Le'Andria Delores Johnson (born January 23, 1983) is an American gospel singer. She was the season three winner of the BET gospel singing competition show Sunday Best.

Johnson's Sunday Best coronation song, "I Shall Leap into My Destiny", co-written by Johnson, entered the Billboard Gospel chart at number 1. Johnson's post-Sunday Best recording The Awakening of Le'Andria Johnson was released in August 2011, Music World Entertainment Gospel and Music World Music. The album debuted at number 1 on the U.S. Billboard Gospel Albums, number 3 on the U.S. Billboard Independent Albums, and number 24 on the Billboard 200. Johnsons' second major-label album The Awakening of Le'Andria Johnson, which included seven new songs, was released in February 2012. Johnson is the first Sunday Best contestant to receive a Grammy Award, which she won in 2012 for Best Gospel/Contemporary Christian Music Performance.

==Early life==
Johnson was born in Palatka, Florida, to Bishop Gregory Johnson and First Lady and Pastor Sharon Johnson.

Johnson, who was born into a musical family, began singing at age two in her father's church, HQ Ministries in Altamonte Springs, Florida. She went on to become the praise and worship leader within the church.

Before auditioning for the show, Johnson was a performer, producer, and singer-songwriter. Johnson, who had three children at the time, was motivated to audition for the show by her children to give them a better life. Johnson had gone through her second divorce and was having a tough time staying financially sound. The day before she left Orlando to try out in New Orleans she lost her house to foreclosure. Her friends and family helped her get to the audition, and Johnson carried what she could and auditioned in flip flops, socks, and the clothes she had on her back. Johnson was almost eliminated because her appearance was not up to par, a sentiment expressed by two of the judges Mary Mary, especially Erica Campbell. However, after performing "This is the day The Lord Hath made," she was unanimously voted through, and was given a standing ovation by Campbell. Le'Andria Johnson has two godchildren James La 'France Gibson, and Quateem Bolden.

==Sunday Best==
Johnson had many good performances on the show, though at times the judges and mentor Kim Burrell sensed a hesitation in her, as if there was something on her mind, that she just couldn't quite shake off.
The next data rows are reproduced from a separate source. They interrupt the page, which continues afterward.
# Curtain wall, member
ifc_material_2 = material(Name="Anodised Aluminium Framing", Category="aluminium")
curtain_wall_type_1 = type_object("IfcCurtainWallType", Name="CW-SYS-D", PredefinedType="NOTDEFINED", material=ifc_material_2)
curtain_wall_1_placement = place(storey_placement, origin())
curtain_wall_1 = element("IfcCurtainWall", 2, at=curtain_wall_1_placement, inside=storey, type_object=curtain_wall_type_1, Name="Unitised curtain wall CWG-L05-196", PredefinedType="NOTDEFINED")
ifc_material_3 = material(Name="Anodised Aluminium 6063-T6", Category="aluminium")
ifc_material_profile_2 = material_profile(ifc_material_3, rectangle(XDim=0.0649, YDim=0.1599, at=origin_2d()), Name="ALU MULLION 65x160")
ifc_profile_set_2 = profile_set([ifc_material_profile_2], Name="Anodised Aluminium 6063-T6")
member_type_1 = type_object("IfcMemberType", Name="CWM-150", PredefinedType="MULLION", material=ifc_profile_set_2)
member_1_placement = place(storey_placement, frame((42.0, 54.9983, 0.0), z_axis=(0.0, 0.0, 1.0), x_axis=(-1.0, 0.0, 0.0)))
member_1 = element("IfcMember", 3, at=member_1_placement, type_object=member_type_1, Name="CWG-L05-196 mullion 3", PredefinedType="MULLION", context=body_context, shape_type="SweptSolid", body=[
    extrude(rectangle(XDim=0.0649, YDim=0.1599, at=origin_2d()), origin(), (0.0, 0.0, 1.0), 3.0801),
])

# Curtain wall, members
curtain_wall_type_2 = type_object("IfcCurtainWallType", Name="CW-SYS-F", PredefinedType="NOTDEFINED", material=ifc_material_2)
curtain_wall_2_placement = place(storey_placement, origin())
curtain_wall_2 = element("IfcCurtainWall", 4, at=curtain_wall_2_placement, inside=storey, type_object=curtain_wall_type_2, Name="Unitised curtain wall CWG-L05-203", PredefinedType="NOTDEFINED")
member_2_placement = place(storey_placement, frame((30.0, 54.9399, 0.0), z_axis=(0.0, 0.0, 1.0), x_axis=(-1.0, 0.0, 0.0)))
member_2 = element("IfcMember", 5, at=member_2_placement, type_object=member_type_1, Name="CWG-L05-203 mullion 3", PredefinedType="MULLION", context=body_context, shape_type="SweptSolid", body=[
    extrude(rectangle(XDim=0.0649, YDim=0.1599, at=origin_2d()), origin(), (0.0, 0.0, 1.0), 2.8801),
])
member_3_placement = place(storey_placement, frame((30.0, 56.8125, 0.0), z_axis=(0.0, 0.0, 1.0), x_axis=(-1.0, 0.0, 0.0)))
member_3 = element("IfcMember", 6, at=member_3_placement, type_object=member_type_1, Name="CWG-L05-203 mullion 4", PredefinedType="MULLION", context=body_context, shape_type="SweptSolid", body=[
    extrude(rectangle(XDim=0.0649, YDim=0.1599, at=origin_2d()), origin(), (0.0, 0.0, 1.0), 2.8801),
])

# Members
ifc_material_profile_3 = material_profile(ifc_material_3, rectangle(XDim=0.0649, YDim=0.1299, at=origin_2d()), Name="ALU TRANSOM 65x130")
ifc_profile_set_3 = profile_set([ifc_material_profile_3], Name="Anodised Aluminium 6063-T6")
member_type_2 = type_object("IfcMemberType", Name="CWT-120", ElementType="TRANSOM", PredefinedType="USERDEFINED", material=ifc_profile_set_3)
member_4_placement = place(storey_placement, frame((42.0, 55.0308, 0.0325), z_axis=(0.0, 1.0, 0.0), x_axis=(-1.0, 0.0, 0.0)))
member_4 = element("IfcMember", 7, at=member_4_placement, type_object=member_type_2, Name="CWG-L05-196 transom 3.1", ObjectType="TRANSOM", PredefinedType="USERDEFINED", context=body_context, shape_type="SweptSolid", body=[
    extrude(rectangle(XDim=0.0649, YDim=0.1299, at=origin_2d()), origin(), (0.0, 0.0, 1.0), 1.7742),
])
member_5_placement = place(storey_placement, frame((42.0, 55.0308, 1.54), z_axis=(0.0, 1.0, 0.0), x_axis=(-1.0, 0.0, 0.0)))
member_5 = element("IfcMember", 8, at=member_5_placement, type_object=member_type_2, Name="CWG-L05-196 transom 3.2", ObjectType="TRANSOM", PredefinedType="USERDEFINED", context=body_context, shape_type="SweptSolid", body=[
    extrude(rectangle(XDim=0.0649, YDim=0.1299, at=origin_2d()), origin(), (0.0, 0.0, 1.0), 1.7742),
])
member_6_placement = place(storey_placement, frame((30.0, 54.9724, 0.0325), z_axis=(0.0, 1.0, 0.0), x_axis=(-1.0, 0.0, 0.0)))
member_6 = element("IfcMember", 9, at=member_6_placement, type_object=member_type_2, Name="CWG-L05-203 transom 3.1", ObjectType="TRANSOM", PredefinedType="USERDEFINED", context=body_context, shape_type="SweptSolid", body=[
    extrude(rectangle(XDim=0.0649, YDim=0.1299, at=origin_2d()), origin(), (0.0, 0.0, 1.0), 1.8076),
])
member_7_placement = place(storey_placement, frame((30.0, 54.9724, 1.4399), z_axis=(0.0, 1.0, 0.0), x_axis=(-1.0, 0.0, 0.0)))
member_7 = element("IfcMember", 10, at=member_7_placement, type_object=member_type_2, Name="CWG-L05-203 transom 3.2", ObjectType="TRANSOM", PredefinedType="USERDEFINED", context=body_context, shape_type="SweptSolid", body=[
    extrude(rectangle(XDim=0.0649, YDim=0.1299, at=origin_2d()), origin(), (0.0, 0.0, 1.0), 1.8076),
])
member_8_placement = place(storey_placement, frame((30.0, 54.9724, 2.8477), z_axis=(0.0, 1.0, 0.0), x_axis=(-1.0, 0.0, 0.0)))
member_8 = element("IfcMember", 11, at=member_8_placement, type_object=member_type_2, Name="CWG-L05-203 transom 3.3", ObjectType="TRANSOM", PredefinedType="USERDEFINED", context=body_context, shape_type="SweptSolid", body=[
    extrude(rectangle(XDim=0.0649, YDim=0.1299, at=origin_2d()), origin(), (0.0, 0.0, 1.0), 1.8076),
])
On the eighth episode, in a conversation that made the air, Johnson told Burrell that at one point she chose death over life in a "mentor".

In a private conversation while being mentored, Johnson told mentor Kim Burrell that there was a time that she thought she could not go on in this life, but in that moment God kept her "in the midst of it all," which was the primary reason she chose to sing the song on episode four of the season.

During the final performance show, Le'Andria faced off against Elder Goldwire McLendon for the title of Sunday Best. Johnson performed "I Love the Lord", "He Was There", and "In the Midst of It All".

On June 20, 2010, Le'Andria Johnson was crowned the winner of and claimed the title of Sunday Best. As part of her win, she won a national recording contract, a 2010 Ford Taurus SHO, and a cash prize courtesy of Degree Nature Effects.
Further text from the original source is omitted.